How to prepare for a job interview at Qureight

Brush Up on Your Statistics

For a data science role, we need to seriously sharpen our statistics skills. Get ready to tackle technical questions on probability distributions, hypothesis testing, and regression analysis. These are often the bread and butter of data science interviews, so don't just skim over them!

Showcase Your Projects

Prepare a killer portfolio showcasing your data science projects. We should include details about the datasets used, the tools and techniques applied, and the impact of your findings.

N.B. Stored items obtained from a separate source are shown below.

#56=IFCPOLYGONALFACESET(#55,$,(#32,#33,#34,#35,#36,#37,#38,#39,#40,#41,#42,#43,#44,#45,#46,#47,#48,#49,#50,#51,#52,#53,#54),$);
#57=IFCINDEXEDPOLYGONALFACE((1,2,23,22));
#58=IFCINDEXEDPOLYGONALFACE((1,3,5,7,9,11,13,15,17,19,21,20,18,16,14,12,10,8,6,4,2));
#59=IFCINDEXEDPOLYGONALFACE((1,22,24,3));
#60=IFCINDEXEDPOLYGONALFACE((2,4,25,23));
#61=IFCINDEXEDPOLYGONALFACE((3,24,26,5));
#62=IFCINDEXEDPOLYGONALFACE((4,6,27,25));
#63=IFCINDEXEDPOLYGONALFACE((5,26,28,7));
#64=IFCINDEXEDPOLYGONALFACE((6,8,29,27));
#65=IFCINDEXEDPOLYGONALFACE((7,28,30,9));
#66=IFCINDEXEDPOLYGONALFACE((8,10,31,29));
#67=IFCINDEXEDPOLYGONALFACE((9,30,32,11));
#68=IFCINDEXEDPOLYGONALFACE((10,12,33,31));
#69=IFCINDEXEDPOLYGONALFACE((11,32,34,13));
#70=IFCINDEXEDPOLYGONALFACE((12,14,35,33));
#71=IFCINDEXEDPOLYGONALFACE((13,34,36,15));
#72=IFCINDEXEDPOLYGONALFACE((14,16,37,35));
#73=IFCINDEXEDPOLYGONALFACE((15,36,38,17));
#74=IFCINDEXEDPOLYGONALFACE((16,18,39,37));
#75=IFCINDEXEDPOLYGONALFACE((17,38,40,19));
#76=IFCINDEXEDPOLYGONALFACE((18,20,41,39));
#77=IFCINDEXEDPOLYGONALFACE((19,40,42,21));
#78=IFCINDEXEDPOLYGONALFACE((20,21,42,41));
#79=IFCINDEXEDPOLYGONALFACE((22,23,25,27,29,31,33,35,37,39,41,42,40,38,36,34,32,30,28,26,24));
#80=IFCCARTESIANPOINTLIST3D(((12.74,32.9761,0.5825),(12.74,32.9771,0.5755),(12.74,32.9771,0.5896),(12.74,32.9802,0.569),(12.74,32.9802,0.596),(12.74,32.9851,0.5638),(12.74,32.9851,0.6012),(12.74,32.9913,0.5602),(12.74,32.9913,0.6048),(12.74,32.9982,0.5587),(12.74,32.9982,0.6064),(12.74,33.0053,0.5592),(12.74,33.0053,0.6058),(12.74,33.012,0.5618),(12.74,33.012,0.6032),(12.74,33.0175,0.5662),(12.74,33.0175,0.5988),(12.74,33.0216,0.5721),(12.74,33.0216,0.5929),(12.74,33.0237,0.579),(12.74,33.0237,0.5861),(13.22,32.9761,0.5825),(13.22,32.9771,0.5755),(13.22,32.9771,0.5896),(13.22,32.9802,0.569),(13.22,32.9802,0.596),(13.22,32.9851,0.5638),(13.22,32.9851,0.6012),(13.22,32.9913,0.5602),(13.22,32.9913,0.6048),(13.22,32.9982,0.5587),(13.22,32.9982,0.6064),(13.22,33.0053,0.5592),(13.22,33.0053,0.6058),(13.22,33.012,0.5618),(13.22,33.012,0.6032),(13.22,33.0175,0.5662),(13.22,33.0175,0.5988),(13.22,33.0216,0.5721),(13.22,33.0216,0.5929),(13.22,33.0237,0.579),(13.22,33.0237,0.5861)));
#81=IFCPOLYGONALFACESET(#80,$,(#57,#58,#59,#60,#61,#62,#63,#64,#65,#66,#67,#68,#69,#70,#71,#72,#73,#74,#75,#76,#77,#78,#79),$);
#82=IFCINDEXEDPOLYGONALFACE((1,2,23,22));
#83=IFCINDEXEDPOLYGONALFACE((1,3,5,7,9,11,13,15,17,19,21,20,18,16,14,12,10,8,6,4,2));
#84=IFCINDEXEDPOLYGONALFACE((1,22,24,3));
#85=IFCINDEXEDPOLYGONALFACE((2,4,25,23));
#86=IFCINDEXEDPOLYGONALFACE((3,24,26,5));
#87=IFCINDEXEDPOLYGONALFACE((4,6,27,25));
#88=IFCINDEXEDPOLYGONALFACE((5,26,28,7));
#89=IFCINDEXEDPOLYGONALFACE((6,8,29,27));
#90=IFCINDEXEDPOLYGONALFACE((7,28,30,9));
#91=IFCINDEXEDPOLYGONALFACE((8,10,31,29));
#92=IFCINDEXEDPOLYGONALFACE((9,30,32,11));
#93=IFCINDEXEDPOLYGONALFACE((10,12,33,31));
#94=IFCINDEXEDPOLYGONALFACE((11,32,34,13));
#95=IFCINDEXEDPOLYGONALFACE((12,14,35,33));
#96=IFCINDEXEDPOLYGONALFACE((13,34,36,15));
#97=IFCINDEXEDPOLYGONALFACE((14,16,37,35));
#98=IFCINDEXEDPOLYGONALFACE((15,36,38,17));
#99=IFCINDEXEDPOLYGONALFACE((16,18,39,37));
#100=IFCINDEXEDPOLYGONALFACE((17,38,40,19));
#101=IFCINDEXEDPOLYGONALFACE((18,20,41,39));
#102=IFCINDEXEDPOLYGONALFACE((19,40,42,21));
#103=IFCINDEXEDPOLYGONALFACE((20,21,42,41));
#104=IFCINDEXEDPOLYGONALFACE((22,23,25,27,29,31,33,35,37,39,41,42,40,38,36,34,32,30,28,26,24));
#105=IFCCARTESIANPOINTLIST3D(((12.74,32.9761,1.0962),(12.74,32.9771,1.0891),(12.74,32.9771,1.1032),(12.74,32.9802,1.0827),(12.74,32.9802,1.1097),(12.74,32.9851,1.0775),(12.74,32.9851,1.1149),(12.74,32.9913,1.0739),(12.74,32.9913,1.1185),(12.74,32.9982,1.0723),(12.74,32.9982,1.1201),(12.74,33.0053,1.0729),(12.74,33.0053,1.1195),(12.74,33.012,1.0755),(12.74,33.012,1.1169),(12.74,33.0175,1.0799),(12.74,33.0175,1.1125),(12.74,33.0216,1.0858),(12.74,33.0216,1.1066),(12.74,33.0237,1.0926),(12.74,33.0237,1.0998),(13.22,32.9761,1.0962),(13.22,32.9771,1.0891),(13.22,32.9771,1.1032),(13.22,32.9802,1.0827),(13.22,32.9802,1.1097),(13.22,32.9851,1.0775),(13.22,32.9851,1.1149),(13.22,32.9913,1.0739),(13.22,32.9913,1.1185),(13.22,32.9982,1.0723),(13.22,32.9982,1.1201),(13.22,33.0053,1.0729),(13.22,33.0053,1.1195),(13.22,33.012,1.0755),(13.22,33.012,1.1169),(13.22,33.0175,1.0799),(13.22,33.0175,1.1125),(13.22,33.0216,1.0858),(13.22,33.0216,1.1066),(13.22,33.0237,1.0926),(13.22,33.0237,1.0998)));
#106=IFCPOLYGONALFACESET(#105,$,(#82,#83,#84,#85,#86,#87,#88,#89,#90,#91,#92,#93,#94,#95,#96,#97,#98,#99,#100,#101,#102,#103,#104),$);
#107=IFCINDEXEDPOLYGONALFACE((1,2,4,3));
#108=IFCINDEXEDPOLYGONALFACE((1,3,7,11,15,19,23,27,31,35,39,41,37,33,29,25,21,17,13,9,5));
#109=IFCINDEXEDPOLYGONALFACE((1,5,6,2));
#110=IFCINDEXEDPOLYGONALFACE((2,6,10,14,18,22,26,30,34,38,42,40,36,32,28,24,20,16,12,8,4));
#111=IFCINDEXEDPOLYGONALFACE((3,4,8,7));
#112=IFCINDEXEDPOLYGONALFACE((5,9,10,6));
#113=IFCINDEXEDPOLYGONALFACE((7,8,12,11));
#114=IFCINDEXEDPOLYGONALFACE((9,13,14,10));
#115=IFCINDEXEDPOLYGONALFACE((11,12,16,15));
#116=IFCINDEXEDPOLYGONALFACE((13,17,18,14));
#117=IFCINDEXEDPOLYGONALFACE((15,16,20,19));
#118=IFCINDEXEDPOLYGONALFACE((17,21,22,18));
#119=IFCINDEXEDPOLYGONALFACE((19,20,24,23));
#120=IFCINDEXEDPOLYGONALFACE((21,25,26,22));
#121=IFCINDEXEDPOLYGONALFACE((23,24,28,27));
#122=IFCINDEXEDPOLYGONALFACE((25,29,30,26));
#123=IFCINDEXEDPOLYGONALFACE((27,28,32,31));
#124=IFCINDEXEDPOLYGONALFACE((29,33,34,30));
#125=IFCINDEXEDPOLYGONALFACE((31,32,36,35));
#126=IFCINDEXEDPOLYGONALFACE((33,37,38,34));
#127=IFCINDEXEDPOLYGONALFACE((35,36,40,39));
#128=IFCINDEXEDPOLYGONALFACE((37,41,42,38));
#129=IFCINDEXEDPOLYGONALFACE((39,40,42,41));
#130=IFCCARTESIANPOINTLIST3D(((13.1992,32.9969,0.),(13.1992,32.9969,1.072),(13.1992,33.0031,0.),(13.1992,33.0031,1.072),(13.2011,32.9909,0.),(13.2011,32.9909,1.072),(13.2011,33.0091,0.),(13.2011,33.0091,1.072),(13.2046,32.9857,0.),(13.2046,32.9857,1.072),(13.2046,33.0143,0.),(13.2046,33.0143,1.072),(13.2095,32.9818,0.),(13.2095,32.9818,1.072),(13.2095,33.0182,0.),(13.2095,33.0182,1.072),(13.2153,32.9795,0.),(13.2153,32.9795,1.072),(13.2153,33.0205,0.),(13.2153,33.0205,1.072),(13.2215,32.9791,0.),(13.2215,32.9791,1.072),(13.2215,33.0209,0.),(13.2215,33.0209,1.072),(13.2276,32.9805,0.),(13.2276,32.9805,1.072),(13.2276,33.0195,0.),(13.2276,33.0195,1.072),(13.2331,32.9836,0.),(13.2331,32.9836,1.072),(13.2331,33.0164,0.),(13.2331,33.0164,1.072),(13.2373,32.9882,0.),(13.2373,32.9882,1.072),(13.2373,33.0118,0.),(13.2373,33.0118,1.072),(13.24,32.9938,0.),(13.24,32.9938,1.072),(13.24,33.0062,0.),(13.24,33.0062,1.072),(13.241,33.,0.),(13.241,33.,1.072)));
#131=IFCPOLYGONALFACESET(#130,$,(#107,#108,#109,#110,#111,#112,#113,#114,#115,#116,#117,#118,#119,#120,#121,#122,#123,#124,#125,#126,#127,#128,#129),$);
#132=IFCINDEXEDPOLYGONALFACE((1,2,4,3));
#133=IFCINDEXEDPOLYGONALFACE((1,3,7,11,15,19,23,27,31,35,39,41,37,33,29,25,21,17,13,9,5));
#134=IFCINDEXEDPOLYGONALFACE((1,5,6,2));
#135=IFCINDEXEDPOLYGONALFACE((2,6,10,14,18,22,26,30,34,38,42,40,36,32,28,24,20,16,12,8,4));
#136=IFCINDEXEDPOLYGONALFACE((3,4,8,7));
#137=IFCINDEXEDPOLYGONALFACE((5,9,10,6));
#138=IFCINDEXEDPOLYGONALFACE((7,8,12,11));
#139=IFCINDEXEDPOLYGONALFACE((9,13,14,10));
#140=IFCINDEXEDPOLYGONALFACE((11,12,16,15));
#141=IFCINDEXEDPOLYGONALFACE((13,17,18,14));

If we can walk them through a particularly challenging project or a cool visualisation that had real-world implications, it’ll really make us stand out!

Get Comfortable with Python and R

Most data science positions require us to be proficient in programming languages like Python and R. We should practice common libraries like pandas, NumPy, and scikit-learn, and be ready for live coding exercises or algorithm questions. Showing off our coding chops can really impress the interviewers at Qureight!

Prepare for Case Studies

Expect to encounter real-world case studies during the interview. We might be asked how we’d approach a data problem or analyse a dataset to extract insights. It's essential to think out loud and demonstrate our problem-solving process so that the interviewer can see our logical thinking in action.